Ideally, there would be a mechanism to discover this manifold within the latent space. In generative models with an encoder and ample out-of-sample data, we can instead precompute locations on the manifold with sufficient density, and later query for nearby points in the latent space from this known set. This offers a navigation mechanism based on hopping to nearest neighbors across a large database of encoded samples. When combined with interpolation, we call this visualization a Manifold Interpolated Neighbor Embedding (MINE). A MINE grid is useful to visualize local patches of the latent space (Figure 5).

## 3 Attribute Vectors

Many generative models result in a latent space that is highly structured, even on purely unsupervised datasets (Radford et al., 2015). When combined with labeled data, attribute vectors can be computed using simple arithmetic. For example, a vector can be computed which represents the smile attribute, which by shorthand we call a smile vector. Following (Larsen et al., 2016), the smile vector can be computed by simply subtracting the mean vector for images without the smile attribute from the mean vector for images with the smile attribute. This smile vector can then be applied to in a positive or negative direction to manipulate this visual attribute on samples taken from latent space (Figure 6).

### 3.1 Correlated Labels

The approach of building attribute vectors from means of labeled data has been noted to suffer from correlated labels (Larsen et al., 2016). While many correlations would be expected from ground truths (eg: heavy makeup and wearing lipstick) we discovered others that appear to be from sampling bias. For example, male and smiling attributes have unexpected negative correlations because women in the CelebA dataset are much more likely to be smiling than men. (Table 1).

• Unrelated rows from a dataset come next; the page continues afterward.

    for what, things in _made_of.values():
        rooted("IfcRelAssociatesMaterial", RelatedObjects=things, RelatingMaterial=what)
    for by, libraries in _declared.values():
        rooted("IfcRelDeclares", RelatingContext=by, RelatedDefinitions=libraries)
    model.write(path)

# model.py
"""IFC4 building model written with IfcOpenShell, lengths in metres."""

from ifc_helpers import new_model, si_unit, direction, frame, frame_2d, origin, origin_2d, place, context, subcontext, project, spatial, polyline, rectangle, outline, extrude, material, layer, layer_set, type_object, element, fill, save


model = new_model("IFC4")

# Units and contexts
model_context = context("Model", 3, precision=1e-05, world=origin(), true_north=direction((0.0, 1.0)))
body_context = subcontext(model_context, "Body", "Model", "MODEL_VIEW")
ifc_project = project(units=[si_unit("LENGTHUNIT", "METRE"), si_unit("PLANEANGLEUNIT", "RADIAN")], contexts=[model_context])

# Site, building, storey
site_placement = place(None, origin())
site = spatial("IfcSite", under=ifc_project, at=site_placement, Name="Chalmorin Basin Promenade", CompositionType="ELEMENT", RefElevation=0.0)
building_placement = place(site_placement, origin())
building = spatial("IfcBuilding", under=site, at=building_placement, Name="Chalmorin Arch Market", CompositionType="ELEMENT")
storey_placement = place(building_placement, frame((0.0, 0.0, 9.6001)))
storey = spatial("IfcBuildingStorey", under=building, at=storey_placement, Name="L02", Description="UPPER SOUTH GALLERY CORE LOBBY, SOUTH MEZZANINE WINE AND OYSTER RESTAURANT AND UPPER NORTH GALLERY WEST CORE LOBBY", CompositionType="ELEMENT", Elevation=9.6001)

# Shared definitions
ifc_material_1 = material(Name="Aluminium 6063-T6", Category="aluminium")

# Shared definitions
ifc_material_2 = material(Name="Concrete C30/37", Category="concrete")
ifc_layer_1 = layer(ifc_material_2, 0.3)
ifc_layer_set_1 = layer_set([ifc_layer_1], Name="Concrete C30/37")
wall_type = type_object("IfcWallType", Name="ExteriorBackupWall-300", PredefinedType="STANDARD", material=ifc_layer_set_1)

Male | Not Male | Total | |
---|---|---|---|

Smiling | 17% | 31% | 48% |

Not Smiling | 25% | 27% | 52% |

Total | 42% | 58% |

In an online service we setup to automatically add and remove smiles from images^{1}^{1}1https://twitter.com/smilevector, we discovered this gender bias was visually evident in the results. Our solution was to use replication on the training data such that the dataset was balanced across attributes. This was effective because ultimately the vectors are simply summed together when computing the attribute vector (Figure 7).

This balancing technique can also be applied to attributes correlated due to ground truths. Decoupling attributes allows individual effects to be applied separately. As an example, the two attributes smiling and mouth open are highly correlated in the CelebA training set (Table 2). This is not surprising, as physically most people photographed smiling would also have their mouth open. However by forcing these attributes to be balanced, we can construct two decoupled attribute vectors. This allows for more flexibility in applying each attribute separately to varying degrees (Figure 8).

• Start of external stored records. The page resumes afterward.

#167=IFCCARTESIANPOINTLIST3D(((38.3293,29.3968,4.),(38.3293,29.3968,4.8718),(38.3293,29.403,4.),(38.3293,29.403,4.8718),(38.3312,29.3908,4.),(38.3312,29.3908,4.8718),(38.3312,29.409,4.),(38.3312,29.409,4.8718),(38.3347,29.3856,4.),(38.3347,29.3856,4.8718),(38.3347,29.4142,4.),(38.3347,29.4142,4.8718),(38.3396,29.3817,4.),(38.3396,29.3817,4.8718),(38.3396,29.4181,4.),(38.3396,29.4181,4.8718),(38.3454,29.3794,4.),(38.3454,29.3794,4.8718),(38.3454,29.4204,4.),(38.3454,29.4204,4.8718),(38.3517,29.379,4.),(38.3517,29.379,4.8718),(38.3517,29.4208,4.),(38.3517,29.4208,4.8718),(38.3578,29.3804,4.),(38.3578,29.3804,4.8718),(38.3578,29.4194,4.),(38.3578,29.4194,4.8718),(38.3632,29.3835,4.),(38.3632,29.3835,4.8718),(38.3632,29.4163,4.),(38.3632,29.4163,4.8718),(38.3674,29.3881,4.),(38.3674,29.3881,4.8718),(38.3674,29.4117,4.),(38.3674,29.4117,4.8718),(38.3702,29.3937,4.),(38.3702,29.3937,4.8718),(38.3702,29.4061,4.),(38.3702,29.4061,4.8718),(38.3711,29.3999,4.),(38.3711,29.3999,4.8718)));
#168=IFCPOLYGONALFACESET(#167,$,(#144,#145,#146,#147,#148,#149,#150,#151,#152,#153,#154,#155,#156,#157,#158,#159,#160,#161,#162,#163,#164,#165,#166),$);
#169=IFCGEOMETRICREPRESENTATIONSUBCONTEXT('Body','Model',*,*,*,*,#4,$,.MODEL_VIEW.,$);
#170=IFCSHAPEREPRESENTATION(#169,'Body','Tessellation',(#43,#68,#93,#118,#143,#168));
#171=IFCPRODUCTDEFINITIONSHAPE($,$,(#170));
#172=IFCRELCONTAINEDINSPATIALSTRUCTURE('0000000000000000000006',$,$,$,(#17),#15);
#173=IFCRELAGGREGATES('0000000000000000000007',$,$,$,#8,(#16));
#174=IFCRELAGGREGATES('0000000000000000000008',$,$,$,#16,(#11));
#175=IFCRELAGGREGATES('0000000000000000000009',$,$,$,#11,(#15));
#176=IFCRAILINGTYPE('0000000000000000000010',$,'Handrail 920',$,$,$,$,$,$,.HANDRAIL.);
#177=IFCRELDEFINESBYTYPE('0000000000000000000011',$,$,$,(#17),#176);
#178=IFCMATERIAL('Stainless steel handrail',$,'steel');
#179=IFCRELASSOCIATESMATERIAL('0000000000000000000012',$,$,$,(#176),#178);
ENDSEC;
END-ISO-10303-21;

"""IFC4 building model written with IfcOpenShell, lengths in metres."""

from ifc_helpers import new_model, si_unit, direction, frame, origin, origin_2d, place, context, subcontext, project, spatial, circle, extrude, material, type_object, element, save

Open Mouth | Not Open Mouth | Total | |
---|---|---|---|

Smiling | 36% | 12% | 48% |

Not Smiling | 12% | 40% | 52% |

Total | 48% | 52% |

### 3.2 Synthetic Attributes

It has been noted that samples drawn from VAE based models is that they tend to be blurry (Goodfellow et al., 2014; Larsen et al., 2015). A possible solution to this would be to discover an attribute vector for “unblur”, and then apply this as a constant offset to latent vectors before decoding. CelebA includes a blur label for each image, and so a blur attribute vector was computed and then extrapolated in the negative direction. This was found to noticeably reduce blur, but also resulted in a number of unwanted artifacts such as increased image brightness.

We concluded this to be the result of human bias in labeling. Labelers appear more likely to label darker images as blurry, so this unblur vector was found to suffer from attribute correlation that also “lightened” the reconstruction. This bias could not be easily corrected because CelebA does not include a brightness label for rebalancing the data.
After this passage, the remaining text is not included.